Admittedly, we have a gap in the histogram on the left hand side now but overall the histogram looks way less skewed. In fact, this somewhat resembles what a histogram of a normally distributed random variable could look like. This is nice because Gaussian variables are something which a lot of statistical techniques can work with best.

Thus, working with a logarithmized variable might be helpful in the long run. Note that sometimes a variable benefits from being logarithmized but also contains values that are zero. To apply the logarithm anyway, often one then offsets the variable by shifting the variable by 1.

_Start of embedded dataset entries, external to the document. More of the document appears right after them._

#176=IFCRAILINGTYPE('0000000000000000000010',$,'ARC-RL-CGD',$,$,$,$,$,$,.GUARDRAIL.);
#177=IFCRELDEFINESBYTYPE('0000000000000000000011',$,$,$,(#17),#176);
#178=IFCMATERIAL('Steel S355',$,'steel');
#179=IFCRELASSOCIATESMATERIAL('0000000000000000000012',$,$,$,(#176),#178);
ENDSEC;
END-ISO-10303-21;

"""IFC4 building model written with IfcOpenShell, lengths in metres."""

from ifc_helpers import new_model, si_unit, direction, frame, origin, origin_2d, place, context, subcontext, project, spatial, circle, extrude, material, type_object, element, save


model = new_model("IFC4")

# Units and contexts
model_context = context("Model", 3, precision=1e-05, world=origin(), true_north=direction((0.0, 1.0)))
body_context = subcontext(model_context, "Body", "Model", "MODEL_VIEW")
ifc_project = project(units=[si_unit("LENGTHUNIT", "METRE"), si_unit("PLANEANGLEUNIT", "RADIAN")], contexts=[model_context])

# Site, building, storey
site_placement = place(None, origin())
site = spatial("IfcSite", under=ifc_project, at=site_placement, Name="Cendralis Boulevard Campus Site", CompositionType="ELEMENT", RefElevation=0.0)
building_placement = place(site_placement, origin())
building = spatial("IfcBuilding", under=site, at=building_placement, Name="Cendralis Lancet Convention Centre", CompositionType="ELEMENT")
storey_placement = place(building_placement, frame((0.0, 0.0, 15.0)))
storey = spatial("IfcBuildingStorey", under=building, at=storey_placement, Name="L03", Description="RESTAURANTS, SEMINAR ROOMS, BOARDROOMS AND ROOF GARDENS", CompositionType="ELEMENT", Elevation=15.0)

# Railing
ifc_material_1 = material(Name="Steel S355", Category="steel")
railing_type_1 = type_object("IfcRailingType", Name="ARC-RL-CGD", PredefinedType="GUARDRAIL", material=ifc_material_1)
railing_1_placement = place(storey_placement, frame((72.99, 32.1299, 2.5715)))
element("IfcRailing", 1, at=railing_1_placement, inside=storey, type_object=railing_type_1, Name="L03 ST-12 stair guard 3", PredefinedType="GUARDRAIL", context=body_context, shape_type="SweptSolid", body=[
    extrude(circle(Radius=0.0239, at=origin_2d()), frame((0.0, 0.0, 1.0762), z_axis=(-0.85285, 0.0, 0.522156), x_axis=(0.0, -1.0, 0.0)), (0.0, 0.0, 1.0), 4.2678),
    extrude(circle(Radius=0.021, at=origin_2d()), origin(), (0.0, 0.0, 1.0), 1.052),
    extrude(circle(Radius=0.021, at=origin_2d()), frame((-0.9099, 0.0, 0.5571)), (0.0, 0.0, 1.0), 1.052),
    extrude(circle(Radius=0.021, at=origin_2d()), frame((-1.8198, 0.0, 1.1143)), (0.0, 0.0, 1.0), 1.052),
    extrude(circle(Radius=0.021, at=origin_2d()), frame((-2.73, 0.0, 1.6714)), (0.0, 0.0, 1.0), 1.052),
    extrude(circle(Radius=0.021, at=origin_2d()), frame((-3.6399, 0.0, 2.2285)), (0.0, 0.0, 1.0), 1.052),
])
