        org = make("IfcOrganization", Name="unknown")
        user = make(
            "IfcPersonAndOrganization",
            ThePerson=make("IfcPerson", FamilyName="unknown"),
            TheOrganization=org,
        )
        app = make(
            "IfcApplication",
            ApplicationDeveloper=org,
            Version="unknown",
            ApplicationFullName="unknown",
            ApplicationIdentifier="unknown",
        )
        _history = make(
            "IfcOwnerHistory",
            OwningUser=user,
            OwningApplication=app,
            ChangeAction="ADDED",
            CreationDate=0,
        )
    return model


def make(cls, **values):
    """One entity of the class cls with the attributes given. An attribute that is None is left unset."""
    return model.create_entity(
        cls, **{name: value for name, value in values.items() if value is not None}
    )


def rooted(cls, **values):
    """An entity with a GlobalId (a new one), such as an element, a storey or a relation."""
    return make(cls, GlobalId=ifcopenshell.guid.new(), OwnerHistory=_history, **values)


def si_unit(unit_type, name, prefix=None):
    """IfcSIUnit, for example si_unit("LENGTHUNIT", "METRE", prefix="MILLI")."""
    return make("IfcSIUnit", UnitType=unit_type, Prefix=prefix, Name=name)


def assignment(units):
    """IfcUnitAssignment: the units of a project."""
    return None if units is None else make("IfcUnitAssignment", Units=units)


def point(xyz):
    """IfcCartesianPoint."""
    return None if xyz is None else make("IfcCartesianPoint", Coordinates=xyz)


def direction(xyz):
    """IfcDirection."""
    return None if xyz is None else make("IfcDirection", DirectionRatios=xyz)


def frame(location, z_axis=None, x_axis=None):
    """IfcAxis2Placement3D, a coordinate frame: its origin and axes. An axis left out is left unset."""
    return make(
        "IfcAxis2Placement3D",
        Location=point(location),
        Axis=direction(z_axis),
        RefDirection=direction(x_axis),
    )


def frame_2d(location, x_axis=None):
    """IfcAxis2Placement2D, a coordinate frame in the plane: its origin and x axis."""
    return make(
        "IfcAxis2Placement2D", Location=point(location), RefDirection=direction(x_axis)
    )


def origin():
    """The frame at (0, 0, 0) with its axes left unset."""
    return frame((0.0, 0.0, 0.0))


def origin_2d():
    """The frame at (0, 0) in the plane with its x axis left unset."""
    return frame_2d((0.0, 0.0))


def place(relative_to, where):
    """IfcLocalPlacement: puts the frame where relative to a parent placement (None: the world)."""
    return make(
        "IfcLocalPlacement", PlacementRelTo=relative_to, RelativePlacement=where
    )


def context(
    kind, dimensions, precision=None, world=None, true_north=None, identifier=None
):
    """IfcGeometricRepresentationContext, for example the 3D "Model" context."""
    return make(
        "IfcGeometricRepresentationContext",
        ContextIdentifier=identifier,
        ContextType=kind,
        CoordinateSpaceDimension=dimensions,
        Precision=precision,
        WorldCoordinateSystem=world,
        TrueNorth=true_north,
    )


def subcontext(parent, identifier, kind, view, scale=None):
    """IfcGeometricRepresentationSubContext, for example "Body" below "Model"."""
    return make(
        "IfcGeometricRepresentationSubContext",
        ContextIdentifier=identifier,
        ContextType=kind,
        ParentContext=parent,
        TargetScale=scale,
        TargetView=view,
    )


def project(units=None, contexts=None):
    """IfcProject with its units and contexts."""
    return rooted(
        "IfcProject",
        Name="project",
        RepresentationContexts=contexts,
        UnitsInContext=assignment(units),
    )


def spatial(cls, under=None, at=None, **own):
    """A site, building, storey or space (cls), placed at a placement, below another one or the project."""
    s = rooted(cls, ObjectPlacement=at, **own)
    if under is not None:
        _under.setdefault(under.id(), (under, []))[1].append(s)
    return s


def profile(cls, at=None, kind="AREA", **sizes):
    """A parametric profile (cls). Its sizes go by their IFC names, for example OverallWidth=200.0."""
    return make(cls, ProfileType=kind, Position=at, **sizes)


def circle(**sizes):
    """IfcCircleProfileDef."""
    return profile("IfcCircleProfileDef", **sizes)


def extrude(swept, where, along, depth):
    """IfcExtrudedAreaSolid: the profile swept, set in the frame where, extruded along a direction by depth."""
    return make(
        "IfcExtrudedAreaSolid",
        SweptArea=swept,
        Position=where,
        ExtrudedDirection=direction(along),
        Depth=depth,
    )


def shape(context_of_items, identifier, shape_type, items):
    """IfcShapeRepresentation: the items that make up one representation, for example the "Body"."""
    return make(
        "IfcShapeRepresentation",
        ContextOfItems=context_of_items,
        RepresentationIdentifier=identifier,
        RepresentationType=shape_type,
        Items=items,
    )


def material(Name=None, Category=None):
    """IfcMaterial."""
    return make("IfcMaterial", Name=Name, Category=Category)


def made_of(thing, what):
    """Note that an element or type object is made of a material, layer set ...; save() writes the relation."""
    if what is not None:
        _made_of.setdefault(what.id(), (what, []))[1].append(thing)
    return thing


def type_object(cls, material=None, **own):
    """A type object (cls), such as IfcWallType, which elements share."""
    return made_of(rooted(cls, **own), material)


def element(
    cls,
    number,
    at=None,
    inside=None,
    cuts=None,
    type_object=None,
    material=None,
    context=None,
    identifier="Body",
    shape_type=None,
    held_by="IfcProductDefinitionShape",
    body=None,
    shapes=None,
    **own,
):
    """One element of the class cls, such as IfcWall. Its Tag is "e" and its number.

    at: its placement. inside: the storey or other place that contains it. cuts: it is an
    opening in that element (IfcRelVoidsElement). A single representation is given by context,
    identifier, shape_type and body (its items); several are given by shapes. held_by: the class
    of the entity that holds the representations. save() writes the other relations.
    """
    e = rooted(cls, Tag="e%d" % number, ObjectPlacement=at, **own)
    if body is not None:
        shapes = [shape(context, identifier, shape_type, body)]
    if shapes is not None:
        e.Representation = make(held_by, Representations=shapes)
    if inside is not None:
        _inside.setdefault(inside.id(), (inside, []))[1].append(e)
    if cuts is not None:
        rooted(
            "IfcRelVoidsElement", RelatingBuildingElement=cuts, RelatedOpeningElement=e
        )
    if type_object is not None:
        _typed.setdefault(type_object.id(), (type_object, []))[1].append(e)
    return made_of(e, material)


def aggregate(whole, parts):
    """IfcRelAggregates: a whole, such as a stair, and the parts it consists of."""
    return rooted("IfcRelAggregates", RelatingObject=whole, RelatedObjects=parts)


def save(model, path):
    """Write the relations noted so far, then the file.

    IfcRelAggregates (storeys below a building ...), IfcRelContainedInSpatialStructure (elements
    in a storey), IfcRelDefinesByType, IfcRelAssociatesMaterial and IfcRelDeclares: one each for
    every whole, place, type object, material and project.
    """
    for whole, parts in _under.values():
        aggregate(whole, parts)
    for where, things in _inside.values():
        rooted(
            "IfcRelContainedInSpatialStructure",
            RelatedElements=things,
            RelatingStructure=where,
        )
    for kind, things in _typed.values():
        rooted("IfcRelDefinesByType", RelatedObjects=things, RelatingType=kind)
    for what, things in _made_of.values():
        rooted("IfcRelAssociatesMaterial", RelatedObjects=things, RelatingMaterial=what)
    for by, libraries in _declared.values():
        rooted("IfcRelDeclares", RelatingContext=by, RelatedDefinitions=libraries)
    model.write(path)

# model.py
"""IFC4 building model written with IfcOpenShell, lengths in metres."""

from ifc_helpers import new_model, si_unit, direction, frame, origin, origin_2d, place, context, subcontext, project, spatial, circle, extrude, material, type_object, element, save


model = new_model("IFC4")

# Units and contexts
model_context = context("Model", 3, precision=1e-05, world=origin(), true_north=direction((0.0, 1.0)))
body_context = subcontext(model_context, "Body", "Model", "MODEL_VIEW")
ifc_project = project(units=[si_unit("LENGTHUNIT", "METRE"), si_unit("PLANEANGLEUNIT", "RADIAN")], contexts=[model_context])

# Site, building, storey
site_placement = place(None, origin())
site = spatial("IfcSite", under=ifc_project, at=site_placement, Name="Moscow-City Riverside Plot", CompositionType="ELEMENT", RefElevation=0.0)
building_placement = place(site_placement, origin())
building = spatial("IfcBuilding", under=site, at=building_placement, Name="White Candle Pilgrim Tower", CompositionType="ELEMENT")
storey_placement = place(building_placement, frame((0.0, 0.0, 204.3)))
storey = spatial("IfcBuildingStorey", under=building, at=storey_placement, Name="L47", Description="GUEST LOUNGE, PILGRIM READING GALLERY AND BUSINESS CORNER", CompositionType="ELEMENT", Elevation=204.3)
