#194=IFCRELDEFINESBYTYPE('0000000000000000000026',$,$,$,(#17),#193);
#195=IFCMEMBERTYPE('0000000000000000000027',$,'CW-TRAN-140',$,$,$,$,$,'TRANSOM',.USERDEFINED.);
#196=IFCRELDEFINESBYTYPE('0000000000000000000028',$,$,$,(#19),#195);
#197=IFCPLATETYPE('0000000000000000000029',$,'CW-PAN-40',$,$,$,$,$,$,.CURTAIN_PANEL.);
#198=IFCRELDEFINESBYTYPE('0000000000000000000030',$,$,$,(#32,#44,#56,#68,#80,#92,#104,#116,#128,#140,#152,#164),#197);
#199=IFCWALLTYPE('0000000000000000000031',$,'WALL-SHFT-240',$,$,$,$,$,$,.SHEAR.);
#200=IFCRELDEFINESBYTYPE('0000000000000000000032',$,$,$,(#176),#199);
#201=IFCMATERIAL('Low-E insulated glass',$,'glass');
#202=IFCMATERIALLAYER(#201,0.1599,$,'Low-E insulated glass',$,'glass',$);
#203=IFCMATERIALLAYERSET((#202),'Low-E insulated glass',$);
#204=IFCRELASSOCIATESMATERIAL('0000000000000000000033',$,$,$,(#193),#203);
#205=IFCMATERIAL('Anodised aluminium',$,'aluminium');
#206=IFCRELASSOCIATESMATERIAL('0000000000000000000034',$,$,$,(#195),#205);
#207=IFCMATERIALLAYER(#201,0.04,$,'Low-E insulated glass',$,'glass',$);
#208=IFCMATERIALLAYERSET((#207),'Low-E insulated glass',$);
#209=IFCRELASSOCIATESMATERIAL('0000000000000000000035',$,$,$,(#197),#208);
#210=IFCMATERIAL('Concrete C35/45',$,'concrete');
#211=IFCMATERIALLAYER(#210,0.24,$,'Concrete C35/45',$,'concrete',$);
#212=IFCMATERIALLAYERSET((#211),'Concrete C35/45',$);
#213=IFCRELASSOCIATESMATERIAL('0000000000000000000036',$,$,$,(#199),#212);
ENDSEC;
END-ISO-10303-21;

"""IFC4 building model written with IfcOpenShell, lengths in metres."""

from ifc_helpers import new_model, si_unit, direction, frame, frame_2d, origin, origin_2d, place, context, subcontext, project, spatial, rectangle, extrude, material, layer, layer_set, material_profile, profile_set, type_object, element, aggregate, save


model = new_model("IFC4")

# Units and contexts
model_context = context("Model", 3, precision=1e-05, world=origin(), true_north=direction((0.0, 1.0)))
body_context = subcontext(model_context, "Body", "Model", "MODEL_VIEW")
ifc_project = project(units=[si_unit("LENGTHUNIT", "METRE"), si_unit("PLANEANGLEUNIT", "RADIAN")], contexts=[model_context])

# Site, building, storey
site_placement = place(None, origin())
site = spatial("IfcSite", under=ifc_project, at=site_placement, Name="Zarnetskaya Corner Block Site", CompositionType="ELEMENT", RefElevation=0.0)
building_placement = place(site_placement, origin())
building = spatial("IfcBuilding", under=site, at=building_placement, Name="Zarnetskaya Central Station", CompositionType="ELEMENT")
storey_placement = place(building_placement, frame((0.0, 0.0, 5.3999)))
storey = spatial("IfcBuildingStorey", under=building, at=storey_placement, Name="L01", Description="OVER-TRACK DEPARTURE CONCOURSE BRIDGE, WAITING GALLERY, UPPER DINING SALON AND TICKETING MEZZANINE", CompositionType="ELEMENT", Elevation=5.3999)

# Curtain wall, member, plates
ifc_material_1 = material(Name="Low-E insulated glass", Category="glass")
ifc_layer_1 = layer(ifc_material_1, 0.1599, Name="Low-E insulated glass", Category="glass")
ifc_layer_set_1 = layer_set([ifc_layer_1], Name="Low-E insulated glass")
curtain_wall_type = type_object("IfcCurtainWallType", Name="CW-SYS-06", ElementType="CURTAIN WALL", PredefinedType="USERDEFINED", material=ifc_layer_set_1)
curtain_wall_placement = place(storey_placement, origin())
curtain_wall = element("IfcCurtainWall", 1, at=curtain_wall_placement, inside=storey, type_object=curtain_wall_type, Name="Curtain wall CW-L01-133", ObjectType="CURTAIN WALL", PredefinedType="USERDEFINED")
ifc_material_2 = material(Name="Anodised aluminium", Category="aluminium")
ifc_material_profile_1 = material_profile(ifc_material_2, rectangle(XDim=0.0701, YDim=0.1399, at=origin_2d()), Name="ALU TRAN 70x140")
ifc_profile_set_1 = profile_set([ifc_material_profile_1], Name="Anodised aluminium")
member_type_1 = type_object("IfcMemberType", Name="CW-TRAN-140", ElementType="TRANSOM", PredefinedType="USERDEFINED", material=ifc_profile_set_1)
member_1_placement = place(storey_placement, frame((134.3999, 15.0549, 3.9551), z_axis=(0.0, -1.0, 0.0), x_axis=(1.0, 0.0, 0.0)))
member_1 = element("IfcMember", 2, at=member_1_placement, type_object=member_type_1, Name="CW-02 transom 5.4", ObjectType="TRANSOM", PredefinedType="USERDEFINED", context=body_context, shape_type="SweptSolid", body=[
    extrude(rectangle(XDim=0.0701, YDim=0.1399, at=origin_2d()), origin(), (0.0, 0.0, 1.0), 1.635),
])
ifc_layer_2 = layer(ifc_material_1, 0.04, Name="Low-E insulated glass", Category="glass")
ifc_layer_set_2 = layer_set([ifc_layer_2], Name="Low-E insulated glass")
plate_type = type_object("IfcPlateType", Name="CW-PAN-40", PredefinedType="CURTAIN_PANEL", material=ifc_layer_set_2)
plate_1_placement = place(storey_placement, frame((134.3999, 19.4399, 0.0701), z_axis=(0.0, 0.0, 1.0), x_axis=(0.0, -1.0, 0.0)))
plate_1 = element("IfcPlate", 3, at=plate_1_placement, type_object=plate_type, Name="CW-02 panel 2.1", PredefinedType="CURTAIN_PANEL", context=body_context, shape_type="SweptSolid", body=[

Unfortunately, it may be nice that logarithmized variables are beneficial for statistical techniques and that the histograms are less skewed but the way we achieved that in the above example let’s the audience of the visualization somewhat clueless as to what the actual sale prices were. Sure, if in doubt, one could simply use a calculator to compute \(10^{4}\) and \(10^{6}\) to get a feeling for the range of the sale prices but of course no one will want to do that. This brings me to my next point.

Use scale_*_log10()

Honestly, I don’t know why but for a long time I have logarithmized data for visualization purposes as above because using scale_x_log10() felt somewhat frightening because I did not understand what was going on there. Take a look what happens if I add this particular layer to our initial plot instead of logarithmizing manually.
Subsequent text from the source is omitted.